Ahoy there me mateys! I received this fantasy eARC from NetGalley in exchange for an honest review. So here be me honest musings . . .
city of broken magic (Mirah Bolender)
Title: city of broken magic
Author: Mirah Bolender
Publication Date: TODAY!! (paperback/e-book)
I was excited about this book when I heard about it. The hook – a group of monsters that eat magic and everything else that they can get a hold of. The only thing standing in the way are a group called sweepers. These sweepers are described on Amazon as “bomb squad that defuses magic weapons.” The blurb claims that sweepers are non-magical beings and that a sweeper named Laura is all that stands between the city and annihilation. Part of the problem with this book is that the blurb and this descriptions are NOT what the book is about. Laura is not the last sweeper left standing. The sweepers are not non-magical. The sweepers do not feel like a bomb squad at all.
The positive things that made me finish the book were:
- I loved the characters in this book. The main character, Laura, was intelligent, daring, snarky, and caring. This type of character always floats me boat. I also liked her teacher, Clae, and the other apprentice. I even liked the side characters like Morgan, Laura’s aunt who cares about her niece but just doesn’t understand anything about her.
- I liked the weird monsters and how they manifested. I loved the opening scene told from the monster’s point of view. I wanted to know more about the monsters and how they worked.
While those things keep me reading, the world-building and plot made it harder and harder to finish the book. Unfortunately, there were major issues that made this an unlikable read for me.
- The Monsters – Well this be the entire reason I wanted to read this book. I love me some fierce fighting of nasty beasties. Sadly the fighting was lackluster. There never seemed to be any real tactics for fighting or finding them. The two responses seemed to be throwing bombs at them and running away from them. Luck not strategy seemed to decide every encounter.

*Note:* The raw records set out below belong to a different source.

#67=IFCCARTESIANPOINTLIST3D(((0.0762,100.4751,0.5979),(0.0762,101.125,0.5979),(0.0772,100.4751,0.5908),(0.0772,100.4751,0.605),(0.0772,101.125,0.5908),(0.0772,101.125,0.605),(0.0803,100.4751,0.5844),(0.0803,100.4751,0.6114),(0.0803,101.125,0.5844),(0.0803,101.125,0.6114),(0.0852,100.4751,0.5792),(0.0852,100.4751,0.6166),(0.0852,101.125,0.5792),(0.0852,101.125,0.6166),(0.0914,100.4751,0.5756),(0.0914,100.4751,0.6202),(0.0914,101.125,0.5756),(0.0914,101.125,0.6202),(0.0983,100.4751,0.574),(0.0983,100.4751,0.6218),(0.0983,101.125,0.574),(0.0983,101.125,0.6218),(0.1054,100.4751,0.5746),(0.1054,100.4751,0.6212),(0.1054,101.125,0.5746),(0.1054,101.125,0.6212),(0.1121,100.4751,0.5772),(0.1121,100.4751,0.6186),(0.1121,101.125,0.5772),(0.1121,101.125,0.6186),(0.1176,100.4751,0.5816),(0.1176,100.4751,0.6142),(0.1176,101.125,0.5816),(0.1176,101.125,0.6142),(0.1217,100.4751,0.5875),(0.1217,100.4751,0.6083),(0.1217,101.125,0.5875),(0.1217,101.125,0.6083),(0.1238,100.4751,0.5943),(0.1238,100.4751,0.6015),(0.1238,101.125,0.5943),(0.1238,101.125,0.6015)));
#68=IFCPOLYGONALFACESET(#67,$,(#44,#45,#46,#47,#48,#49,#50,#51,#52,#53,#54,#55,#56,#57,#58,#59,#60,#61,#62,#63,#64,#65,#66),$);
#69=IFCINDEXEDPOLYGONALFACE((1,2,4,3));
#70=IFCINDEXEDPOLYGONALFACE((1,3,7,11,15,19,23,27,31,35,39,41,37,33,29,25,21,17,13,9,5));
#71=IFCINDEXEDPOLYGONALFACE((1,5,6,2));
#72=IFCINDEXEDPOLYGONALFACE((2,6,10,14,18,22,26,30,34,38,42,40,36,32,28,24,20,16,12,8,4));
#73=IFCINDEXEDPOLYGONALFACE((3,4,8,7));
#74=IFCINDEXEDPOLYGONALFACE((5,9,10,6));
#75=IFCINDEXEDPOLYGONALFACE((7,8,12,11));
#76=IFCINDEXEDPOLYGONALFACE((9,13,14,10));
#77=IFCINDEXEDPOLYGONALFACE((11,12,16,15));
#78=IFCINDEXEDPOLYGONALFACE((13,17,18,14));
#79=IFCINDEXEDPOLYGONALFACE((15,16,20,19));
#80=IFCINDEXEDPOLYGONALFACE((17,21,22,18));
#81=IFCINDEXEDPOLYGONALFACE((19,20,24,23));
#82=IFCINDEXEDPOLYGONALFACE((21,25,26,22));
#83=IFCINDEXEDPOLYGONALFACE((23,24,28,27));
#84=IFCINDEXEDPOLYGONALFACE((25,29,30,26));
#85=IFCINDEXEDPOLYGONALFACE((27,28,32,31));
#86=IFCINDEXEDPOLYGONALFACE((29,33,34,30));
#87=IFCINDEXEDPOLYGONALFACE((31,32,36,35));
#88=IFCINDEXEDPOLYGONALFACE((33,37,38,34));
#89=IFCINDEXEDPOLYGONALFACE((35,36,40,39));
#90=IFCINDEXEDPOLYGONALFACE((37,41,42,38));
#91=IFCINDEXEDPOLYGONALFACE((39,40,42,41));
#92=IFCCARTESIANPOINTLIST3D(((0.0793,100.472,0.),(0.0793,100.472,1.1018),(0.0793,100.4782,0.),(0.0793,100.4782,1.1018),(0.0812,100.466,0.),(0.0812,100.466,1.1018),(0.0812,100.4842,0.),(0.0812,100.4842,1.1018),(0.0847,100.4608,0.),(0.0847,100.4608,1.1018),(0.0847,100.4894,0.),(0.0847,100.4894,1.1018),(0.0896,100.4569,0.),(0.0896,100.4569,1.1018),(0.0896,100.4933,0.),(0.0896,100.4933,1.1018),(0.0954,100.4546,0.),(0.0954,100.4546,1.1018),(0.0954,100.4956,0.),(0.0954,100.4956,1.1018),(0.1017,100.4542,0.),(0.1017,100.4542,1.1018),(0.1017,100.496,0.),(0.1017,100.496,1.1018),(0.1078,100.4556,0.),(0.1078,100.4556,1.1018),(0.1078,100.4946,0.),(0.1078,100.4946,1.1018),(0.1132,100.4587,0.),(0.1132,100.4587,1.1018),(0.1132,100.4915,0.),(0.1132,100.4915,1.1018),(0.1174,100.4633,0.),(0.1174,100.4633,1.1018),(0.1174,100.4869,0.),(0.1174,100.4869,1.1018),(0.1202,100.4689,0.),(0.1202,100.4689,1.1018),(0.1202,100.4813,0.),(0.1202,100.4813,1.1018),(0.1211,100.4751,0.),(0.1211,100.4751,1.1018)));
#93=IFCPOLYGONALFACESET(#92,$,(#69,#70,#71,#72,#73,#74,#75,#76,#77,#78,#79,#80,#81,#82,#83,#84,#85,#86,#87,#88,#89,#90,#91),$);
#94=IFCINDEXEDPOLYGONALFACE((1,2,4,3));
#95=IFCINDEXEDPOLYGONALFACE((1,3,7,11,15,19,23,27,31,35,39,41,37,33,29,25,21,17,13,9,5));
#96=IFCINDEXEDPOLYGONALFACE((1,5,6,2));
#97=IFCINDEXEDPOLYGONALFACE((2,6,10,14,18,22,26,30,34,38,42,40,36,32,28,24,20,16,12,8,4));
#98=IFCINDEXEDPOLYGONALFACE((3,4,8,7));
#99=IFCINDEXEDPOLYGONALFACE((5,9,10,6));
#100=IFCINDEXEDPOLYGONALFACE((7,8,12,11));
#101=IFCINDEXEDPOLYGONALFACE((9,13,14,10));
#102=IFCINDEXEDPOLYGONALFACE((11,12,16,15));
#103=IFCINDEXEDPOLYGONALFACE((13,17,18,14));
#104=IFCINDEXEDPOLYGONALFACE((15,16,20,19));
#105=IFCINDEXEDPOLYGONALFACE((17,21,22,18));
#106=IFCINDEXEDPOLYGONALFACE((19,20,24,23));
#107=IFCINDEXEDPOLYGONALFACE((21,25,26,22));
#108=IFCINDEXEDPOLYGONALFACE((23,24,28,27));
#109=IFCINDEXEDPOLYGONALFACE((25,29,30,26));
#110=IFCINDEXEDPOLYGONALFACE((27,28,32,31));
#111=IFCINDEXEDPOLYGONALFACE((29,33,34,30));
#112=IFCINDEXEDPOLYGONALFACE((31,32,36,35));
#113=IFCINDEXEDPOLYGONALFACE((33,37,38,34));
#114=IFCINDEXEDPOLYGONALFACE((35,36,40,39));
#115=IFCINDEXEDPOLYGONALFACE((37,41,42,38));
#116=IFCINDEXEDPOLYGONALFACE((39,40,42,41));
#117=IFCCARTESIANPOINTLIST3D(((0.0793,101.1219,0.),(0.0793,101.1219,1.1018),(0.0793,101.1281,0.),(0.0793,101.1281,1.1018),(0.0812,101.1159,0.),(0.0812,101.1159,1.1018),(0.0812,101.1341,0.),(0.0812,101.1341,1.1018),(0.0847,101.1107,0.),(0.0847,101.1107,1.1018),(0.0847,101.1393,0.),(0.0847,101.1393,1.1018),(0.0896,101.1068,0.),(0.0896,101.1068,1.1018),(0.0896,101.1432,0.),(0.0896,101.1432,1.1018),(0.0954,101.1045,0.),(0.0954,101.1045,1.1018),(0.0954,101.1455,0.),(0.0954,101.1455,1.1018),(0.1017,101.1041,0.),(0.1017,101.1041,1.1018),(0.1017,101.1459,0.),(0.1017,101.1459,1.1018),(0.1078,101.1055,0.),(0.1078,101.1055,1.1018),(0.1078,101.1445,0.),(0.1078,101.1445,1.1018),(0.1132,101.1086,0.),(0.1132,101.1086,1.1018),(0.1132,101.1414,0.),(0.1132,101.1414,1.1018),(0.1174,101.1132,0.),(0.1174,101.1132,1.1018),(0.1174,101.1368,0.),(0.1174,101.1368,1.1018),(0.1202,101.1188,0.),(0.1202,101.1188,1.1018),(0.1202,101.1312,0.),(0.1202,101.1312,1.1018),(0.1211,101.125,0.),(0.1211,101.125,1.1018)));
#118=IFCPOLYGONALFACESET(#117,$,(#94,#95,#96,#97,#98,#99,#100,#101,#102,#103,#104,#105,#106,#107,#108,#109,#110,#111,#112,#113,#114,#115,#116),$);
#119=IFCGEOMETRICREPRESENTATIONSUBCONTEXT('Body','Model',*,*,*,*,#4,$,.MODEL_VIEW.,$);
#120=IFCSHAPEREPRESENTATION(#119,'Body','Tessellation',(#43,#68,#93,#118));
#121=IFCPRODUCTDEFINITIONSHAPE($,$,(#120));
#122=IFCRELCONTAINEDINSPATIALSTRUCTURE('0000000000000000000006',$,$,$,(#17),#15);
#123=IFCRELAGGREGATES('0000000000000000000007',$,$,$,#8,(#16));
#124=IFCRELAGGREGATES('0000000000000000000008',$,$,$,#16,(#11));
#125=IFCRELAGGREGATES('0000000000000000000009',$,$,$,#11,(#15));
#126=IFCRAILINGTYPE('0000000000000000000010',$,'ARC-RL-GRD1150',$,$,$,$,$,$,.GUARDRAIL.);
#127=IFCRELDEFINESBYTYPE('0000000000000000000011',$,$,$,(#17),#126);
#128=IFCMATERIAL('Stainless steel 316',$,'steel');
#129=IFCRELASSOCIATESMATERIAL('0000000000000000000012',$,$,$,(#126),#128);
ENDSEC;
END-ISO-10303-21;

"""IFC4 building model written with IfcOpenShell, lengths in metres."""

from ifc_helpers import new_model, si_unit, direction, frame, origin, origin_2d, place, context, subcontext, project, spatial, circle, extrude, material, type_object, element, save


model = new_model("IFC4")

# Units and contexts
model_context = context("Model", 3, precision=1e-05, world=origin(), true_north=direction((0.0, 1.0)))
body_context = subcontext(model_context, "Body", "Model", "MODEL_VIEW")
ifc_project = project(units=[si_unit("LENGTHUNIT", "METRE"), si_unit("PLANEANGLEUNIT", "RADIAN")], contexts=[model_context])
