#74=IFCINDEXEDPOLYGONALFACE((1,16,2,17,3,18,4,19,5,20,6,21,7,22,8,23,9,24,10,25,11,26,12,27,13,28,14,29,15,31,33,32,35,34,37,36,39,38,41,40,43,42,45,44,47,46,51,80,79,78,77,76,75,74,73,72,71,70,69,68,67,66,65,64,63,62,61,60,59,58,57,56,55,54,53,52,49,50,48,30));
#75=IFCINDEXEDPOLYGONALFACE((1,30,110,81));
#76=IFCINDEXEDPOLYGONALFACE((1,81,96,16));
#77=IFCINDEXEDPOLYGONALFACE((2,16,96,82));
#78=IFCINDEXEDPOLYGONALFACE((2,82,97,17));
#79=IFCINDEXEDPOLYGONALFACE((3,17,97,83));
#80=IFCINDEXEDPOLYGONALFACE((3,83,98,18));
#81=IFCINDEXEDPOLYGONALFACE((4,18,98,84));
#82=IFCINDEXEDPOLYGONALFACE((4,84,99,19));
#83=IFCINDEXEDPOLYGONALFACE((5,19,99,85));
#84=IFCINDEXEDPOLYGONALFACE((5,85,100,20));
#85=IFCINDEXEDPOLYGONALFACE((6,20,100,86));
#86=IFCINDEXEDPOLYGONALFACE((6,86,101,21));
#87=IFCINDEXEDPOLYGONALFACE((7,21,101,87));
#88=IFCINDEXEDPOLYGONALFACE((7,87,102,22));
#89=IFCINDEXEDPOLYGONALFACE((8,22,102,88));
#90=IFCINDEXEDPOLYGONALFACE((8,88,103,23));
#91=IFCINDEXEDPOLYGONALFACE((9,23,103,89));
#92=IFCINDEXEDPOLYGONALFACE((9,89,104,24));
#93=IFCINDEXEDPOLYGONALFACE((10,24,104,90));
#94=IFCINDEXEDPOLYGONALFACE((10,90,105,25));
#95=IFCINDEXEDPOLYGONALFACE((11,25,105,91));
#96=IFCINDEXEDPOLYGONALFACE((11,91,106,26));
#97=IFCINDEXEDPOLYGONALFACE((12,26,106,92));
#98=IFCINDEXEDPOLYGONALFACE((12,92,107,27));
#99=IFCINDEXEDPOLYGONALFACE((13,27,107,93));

- The Magic – This was one of those books where ye be thrown into the magic system and have to learn as ye go. There are cool hints to how the magic is used. The main basis for magic use is amulets. I liked the idea that these amulets are highly regulated. They have to be cataloged, recharged, and recycled. However, they also made no sense. For example, if ye use them as an assassination technique there be no guarantee that the target would die. Like why try to kill a rich man by putting one in the kitchen – a place he would never go in? Plus to use one like that means that the city might be destroyed. Dumb.
- Info-Dumping – I don’t mind learning the world structure or rules as the story progresses. I do hate info-dumping. In this story, the plot abruptly stops so that Laura can give lessons to the other apprentice (a former slave) in history, magic use, politics, etc. And it is furtively done while her teacher is out. I didn’t find the history or piecemeal magic explanations to be anything but boring and nonsensical.

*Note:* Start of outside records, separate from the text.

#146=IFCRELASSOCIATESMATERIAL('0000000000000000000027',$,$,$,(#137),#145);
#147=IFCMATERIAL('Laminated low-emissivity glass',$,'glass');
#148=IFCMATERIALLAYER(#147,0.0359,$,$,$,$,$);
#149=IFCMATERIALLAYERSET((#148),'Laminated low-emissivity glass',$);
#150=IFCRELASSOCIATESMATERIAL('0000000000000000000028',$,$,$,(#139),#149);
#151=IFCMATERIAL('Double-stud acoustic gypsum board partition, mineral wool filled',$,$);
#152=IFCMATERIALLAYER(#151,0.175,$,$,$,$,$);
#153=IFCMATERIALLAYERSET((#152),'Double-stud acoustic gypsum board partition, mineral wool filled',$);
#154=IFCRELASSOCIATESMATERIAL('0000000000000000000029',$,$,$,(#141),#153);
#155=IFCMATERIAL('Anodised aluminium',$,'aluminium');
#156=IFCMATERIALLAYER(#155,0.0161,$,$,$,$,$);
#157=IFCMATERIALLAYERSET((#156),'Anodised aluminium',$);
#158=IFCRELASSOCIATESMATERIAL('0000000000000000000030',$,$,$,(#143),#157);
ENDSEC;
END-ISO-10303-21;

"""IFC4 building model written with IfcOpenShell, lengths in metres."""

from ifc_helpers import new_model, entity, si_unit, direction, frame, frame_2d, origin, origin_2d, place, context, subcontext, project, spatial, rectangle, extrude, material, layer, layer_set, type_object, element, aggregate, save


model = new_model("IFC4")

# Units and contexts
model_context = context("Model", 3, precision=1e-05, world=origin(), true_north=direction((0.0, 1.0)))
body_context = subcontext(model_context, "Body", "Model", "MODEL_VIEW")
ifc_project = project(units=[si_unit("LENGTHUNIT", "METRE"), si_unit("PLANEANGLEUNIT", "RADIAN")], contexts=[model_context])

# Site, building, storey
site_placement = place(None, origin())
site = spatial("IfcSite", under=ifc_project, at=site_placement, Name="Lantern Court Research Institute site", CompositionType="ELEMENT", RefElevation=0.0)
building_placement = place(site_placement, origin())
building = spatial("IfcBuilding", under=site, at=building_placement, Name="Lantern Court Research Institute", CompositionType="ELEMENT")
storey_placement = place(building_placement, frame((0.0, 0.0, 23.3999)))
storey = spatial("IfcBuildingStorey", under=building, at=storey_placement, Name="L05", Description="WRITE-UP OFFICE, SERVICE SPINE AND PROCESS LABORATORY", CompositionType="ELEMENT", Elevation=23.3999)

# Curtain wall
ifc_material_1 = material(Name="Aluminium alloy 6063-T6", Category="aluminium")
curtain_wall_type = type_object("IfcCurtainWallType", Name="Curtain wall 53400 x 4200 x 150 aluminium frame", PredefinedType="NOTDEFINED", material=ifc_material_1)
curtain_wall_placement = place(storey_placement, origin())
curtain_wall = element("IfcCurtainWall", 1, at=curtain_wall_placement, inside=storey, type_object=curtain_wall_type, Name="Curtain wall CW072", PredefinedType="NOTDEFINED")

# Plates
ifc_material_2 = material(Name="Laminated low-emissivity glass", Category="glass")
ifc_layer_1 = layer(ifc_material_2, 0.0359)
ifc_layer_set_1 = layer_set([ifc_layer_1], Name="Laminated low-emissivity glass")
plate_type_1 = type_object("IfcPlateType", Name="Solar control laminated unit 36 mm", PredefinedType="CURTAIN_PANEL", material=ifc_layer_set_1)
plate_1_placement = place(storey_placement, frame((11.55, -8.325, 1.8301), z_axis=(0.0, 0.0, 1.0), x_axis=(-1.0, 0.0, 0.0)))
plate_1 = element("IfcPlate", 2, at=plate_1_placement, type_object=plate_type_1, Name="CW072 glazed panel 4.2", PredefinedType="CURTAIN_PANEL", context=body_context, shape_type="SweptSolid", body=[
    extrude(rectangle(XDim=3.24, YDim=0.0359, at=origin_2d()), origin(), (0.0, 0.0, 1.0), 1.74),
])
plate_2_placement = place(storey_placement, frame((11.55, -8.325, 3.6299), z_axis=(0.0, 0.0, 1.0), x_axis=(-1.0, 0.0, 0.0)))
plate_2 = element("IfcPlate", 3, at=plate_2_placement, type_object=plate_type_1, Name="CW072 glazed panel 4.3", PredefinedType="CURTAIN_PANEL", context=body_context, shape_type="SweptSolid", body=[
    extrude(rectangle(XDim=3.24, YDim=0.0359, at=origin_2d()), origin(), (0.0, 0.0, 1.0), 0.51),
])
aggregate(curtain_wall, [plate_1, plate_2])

- The Training – This is one of those books where the teacher withholds vital information. There is only the teacher and two students protecting the entire city. If the teacher dies then the city is screwed. So why wouldn’t there be an open exchange of knowledge? Makes no sense. His method of teaching is mostly to learn on the job. No wonder he lost eight former apprentices. They spend a ton of time sitting in the shop waiting for clients or police to inform them of monster attacks. Shouldn’t that time be spent training or investigating? Also the teacher, Clae, makes the point multiple times that book learning is pointless. Then DO something.
- The Social Structure- Much of this book is spent focused on how Laura is not in the norm because she doesn’t want to get married or wear dresses. And yet the police chief is a woman. A major politician is a woman. A investigative journalist is a woman. Lots of seekers in other cities are women. These facts go against the author’s own premise of the society.
- Diversity – I support diversity in literature. Yet this book seems set in a “normative” society. Heterosexual relationships. Standard gender roles. Monogamy. Then randomly, Clae and his student have an awkward conversation about past relationships. There is a random lesbian relationship thrown in. In the context of the story, this seemed tossed in to fill a check box and to help set up a future romantic relationship between teacher and student. I was not a fan.
- Plot – There really wasn’t a cohesive story line or decent explanations for events. It felt like the author had filler around the couple of scenes she wanted to write. This book felt more like a very rough first draft that needed massive editing and rewrites. This concept should have the reader on edge instead of trying to make sense of what is happening most of the time.
Fun concepts here. I wish this one would have focused on the monster battles and how the monster fighting community works! Shame because I wanted to like this one. Unfortunately it must walk the plank! Arrrr!
So lastly . . .
Thank you Macmillian-Tor/Forge!
Goodreads has this to say about the novel:
Five hundred years ago, magi created a weapon they couldn’t control. An infestation that ate magic—and anything else it came into contact with. Enemies and allies were equally filling.
Only an elite team of non-magical humans, known as sweepers, can defuse and dispose of infestations before they spread. Most die before they finish training.
Laura, a new team member, has stayed alive longer than most. Now, she’s the last—and only—sweeper standing between the city and a massive infestation.